In deze kernscenario's gebruikt IoT Edge certificaten. Gebruik de koppelingen voor meer informatie over elk scenario.

Acteur Doel Certificaat
IoT Edge Zorgt ervoor dat deze communiceert met de juiste IoT Hub IoT Hub-servercertificaat
IoT Hub Zorgt ervoor dat de aanvraag afkomstig is van een legitiem IoT Edge-apparaat Id-certificaat IoT Edge
Downstream IoT-apparaat Zorgt ervoor dat deze communiceert met de juiste IoT Edge-gateway Moduleservercertificaat voor edgeHub van IoT Edge Hub, uitgegeven door Edge-CA
IoT Edge Ondertekent nieuwe moduleservercertificaten. Bijvoorbeeld edgeHub Edge CA-certificaat
IoT Edge Zorgt ervoor dat de aanvraag afkomstig is van een legitiem downstream apparaat Id-certificaat IoT-apparaat

Vereisten

Scenario met één apparaat

Om inzicht te krijgen in ioT Edge-certificaatconcepten, stelt u zich een scenario voor waarbij een IoT Edge-apparaat met de naam EdgeGateway verbinding maakt met een Azure IoT Hub met de naam ContosoIotHub. In dit voorbeeld wordt alle verificatie uitgevoerd met X.509-certificaatverificatie in plaats van symmetrische sleutels. Om een vertrouwensrelatie in dit scenario tot stand te brengen, moeten we garanderen dat het IoT Hub- en IoT Edge-apparaat authentiek zijn: 'Is dit apparaat echt en geldig?' en 'Is de identiteit van de IoT Hub juist?'. Het scenario kan als volgt worden geïllustreerd:

Statusdiagram van vertrouwensscenario met verbinding tussen IoT Edge-apparaat en IoT Hub.

We leggen de antwoorden op elke vraag uit en breiden vervolgens het voorbeeld uit in latere secties van het artikel.

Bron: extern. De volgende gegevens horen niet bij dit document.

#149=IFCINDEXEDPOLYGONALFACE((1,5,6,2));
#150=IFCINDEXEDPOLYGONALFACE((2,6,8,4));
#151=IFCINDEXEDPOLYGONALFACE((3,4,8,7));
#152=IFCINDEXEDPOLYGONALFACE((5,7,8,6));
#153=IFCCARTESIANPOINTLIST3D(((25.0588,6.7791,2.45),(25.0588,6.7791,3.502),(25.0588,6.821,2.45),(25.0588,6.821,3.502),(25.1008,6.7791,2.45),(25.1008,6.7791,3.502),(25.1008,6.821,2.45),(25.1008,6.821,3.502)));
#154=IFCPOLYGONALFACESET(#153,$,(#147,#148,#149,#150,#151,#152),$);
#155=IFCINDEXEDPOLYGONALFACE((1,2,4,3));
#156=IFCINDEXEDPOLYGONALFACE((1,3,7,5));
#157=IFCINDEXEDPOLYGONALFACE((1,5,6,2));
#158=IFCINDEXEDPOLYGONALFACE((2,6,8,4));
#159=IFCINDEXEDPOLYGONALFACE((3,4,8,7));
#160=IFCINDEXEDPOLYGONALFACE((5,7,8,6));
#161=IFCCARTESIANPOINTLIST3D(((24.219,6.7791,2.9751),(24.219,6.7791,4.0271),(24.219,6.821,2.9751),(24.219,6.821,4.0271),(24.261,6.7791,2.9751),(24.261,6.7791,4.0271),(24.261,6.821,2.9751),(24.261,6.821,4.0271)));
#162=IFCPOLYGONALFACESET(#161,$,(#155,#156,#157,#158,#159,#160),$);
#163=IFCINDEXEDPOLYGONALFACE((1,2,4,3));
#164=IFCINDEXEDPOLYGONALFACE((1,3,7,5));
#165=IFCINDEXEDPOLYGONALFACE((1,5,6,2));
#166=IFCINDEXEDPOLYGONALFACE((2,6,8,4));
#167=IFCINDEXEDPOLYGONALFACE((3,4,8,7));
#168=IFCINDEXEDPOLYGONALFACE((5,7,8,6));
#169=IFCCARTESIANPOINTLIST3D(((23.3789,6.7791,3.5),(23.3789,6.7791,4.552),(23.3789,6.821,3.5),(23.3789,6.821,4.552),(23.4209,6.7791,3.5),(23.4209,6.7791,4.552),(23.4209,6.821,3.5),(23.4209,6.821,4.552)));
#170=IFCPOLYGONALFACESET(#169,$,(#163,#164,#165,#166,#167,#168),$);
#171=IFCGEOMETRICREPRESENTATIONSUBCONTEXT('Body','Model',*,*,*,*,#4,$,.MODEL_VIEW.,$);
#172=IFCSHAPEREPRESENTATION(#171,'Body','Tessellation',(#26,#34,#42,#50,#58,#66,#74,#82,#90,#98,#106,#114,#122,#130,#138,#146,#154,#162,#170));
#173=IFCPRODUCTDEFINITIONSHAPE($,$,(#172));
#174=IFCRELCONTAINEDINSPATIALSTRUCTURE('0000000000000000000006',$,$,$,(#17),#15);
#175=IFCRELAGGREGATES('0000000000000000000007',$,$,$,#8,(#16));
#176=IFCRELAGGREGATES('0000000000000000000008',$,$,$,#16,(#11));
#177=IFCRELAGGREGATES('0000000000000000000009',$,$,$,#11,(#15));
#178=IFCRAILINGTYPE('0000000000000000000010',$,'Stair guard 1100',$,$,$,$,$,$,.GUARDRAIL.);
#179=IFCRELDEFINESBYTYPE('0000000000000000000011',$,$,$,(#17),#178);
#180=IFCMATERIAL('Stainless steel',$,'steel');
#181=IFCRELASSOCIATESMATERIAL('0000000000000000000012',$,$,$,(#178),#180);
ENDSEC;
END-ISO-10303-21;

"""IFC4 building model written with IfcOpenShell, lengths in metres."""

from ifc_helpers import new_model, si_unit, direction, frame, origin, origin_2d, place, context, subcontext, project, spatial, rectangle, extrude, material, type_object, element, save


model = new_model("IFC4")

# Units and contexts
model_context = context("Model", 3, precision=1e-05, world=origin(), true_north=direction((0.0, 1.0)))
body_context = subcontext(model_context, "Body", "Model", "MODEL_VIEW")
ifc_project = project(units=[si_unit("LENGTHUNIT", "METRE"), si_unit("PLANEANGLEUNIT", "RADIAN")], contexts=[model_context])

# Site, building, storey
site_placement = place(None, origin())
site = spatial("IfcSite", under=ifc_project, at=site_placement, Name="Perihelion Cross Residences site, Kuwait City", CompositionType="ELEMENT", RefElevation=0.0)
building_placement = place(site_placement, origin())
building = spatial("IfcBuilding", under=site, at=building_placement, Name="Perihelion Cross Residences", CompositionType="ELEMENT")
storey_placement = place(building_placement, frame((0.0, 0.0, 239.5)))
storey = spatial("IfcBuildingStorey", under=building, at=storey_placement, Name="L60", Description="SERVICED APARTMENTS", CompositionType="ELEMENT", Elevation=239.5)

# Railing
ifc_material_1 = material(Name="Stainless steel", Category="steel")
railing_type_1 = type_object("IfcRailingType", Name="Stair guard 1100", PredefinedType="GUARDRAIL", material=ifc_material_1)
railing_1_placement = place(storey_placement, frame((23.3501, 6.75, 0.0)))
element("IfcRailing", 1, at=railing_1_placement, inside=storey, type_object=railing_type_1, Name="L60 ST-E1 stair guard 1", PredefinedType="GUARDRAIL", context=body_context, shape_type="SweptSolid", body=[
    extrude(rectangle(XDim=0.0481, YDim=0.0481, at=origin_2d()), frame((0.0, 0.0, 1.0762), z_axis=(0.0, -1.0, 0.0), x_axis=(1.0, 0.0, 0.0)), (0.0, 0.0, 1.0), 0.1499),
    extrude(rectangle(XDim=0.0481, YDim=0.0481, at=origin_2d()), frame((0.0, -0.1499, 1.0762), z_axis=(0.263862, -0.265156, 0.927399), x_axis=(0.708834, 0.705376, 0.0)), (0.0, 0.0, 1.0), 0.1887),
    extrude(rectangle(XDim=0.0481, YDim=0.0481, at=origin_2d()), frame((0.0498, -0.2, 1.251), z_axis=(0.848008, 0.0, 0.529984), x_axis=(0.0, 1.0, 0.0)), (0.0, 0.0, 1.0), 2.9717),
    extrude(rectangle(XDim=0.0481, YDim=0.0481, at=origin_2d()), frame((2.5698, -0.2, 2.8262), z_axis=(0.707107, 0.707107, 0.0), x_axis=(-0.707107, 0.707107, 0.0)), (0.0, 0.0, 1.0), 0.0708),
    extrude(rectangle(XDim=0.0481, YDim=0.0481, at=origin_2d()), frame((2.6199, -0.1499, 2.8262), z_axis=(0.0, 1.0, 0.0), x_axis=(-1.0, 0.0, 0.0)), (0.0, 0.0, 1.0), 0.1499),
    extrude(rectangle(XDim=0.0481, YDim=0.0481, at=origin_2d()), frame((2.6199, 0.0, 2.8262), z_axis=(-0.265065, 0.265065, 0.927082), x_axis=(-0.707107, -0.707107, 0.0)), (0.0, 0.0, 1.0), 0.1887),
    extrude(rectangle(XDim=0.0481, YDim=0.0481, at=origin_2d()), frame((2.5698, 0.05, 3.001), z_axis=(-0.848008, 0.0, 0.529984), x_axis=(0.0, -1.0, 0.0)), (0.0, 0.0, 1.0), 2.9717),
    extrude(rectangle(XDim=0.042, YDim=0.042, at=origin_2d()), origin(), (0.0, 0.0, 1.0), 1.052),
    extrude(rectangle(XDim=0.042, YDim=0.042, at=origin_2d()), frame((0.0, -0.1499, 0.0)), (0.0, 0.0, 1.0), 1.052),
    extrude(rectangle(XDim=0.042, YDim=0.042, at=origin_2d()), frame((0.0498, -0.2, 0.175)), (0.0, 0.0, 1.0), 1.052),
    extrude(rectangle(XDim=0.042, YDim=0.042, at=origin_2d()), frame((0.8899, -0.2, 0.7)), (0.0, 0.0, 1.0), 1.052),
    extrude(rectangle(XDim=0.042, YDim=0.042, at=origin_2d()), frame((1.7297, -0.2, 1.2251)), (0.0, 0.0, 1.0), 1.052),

Op het apparaat wordt de IoT Hub-identiteit geverifieerd

Hoe controleert EdgeGateway of deze communiceert met de legitieme ContosoIotHub? Wanneer EdgeGateway met de cloud wil praten, maakt deze verbinding met het eindpunt ContosoIoTHub.Azure-devices.NET. Om ervoor te zorgen dat het eindpunt authentiek is, heeft IoT Edge ContosoIoTHub nodig om identificatie (ID) weer te geven. De id moet worden uitgegeven door een instantie die EdgeGateway vertrouwt. Als u de IoT Hub-identiteit wilt controleren, gebruiken IoT Edge en IoT Hub het TLS-handshake-protocol om de serveridentiteit van IoT Hub te verifiëren. In het volgende diagram ziet u een TLS-handshake . Om het voorbeeld eenvoudig te houden, zijn enkele details weggelaten. Zie TLS-handshake op Wikipedia voor meer informatie over het TLS-handshakeprotocol.

Notitie

In dit voorbeeld vertegenwoordigt ContosoIoTHub de hostnaam van de IoT Hub ContosoIotHub.Azure-devices.NET.

Sequentiediagram met certificaatuitwisseling van IoT Hub naar IoT Edge-apparaat met certificaatverificatie met het vertrouwde basisarchief op het IoT Edge-apparaat.

In deze context hoeft u niet de exacte details van het cryptografische algoritme te kennen. Het is belangrijk om te begrijpen dat het algoritme ervoor zorgt dat de server beschikt over de persoonlijke sleutel die is gekoppeld aan de openbare sleutel. Er wordt gecontroleerd of de presentator van het certificaat het niet heeft gekopieerd of gestolen. Als we een foto-id als voorbeeld gebruiken, komt uw gezicht overeen met de foto op de id. Als iemand uw id steelt, kan hij deze niet gebruiken voor identificatie omdat uw gezicht uniek en moeilijk te reproduceren is. Voor cryptografische sleutels is het sleutelpaar gerelateerd en uniek. In plaats van het koppelen van een gezicht aan een foto-id, gebruikt het cryptografische algoritme het sleutelpaar om de identiteit te verifiëren.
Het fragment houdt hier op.